— Встаньте, сударь! Здесь не принято говорить о чувствах. В этих стенах торопливо берут то, что нужно, не тратя время на лишние слова. Вы тоже этого хотите?
— Вы меня никогда не простите?
— За что? Вы ни в чем не виноваты.
— За то, что я не сумел предотвратить несчастья, обрушившиеся на вас и вашу семью!
Наконец она повернулась к нему, высвободила руку и едва заметно коснулась его волос, словно хотела погладить Глеба, точно маленького мальчишку, но в последний момент передумала.
— Я вас ни в чем не виню.

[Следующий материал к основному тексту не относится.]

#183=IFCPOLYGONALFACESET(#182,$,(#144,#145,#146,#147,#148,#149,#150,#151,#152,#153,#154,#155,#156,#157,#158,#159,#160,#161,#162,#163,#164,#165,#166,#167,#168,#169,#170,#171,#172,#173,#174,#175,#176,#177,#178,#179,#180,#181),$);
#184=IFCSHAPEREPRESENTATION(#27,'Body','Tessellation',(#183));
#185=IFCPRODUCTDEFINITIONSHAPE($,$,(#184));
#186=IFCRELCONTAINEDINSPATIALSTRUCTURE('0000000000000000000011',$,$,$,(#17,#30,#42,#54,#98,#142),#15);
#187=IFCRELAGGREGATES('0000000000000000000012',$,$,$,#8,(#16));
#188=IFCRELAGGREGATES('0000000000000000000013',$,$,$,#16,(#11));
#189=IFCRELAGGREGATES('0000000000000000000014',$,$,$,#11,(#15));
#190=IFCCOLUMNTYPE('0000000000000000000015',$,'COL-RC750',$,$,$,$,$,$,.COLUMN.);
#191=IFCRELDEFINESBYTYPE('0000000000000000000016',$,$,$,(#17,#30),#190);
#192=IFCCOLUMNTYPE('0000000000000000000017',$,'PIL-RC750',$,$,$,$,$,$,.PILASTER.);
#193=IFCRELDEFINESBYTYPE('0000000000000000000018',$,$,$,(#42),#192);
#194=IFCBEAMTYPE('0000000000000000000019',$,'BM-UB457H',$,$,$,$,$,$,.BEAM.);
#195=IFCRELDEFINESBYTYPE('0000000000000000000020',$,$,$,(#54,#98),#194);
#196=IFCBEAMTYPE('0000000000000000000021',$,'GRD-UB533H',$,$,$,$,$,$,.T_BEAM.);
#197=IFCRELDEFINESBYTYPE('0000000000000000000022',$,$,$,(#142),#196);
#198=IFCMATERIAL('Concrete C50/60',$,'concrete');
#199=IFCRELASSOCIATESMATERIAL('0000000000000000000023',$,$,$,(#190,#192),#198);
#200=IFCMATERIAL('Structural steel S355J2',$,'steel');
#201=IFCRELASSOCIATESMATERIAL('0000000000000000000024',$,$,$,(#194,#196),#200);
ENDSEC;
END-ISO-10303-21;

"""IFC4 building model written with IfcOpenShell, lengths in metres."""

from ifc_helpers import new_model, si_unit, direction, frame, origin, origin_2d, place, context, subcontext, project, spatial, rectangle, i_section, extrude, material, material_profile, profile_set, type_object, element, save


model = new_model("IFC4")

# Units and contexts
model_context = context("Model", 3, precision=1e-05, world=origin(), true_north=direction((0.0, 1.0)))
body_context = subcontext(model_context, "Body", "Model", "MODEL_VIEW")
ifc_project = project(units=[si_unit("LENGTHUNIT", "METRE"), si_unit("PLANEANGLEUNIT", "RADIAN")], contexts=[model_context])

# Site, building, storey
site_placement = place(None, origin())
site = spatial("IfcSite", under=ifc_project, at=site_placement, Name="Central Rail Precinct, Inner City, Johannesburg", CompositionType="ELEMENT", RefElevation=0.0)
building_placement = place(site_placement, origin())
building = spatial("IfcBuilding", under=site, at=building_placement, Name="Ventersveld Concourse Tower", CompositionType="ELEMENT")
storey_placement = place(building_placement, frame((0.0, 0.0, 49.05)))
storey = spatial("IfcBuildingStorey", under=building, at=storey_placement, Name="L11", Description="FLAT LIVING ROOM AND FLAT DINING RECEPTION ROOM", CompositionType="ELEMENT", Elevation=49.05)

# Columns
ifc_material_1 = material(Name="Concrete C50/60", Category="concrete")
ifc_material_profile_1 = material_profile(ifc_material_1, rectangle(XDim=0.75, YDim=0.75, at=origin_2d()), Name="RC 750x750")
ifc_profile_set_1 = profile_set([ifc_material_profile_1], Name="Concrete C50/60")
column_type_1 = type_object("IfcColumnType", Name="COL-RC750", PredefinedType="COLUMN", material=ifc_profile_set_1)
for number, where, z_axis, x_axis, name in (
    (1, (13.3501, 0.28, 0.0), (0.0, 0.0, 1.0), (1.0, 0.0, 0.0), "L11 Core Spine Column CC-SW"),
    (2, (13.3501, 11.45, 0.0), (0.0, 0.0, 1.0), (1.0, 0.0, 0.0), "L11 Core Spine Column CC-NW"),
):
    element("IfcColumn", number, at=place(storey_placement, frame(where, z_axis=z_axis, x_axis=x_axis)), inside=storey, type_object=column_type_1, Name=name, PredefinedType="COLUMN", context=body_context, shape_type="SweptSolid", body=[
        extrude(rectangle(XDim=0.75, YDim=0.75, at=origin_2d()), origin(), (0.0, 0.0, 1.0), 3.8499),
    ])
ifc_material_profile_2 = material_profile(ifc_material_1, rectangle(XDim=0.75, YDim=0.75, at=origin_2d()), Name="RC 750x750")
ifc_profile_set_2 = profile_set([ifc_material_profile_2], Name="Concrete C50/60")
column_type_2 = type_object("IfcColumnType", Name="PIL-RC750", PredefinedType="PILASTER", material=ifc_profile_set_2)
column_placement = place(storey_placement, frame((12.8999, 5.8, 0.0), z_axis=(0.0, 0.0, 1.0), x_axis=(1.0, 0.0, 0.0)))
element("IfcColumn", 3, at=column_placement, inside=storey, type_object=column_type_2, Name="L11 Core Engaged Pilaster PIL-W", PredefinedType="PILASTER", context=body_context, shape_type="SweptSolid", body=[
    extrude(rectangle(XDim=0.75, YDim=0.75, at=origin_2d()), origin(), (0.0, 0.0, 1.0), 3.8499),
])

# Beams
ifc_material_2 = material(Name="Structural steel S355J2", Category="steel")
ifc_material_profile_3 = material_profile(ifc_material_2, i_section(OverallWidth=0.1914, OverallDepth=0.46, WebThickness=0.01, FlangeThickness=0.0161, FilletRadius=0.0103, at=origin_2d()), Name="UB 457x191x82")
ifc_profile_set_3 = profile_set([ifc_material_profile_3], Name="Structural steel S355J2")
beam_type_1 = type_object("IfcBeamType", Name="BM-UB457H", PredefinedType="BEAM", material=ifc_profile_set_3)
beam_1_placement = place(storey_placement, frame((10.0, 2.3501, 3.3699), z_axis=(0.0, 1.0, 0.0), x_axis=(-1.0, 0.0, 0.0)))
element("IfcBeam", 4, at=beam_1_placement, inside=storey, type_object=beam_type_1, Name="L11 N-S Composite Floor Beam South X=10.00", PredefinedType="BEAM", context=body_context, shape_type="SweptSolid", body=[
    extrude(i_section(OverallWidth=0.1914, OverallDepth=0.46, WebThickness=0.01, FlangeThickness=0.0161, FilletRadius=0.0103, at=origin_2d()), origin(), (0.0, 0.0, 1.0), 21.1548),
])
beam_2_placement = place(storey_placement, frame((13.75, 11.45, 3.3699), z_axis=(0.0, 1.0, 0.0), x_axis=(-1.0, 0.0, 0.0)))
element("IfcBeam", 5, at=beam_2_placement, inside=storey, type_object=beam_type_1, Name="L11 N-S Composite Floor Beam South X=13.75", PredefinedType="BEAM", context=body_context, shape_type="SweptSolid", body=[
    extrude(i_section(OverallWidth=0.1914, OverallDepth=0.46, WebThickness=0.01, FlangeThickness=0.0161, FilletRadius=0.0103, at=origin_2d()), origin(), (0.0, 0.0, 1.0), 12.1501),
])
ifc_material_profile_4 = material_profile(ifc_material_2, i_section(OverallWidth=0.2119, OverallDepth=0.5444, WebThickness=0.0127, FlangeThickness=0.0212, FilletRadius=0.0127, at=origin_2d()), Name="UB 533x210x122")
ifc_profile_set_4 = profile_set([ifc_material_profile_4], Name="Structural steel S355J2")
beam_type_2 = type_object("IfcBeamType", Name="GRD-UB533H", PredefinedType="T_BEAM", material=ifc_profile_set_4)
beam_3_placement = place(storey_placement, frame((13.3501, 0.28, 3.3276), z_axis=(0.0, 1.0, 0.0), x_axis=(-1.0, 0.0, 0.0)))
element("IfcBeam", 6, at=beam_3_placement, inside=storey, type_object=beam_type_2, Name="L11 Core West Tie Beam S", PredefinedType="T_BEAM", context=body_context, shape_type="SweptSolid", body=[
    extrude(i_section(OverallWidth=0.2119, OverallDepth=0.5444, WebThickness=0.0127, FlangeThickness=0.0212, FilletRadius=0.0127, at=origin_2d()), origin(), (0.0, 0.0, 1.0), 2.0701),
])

Но мне кажется, здесь этот разговор неуместен.
Он поднялся с колен и рывком распахнул входную дверь так, что стоявшая за ней Анаксина пробкой влетела в комнату.
— Распорядитесь приготовить карету, соберите веши графини Квинкадзе и отправьте ее домой!
— В какой именно дом я должна отправить сударыню Квинкадзе? Насколько я знаю, у нее пока еще нет титула и нет собственного дома.
— Будет, не сомневайтесь. Отправьте графиню в ее собственный дом. Я сейчас подпишу указ о его возвращении в собственность семьи Квинкадзе и пошлю гвардейцев выкинуть оттуда непрошеных гостей!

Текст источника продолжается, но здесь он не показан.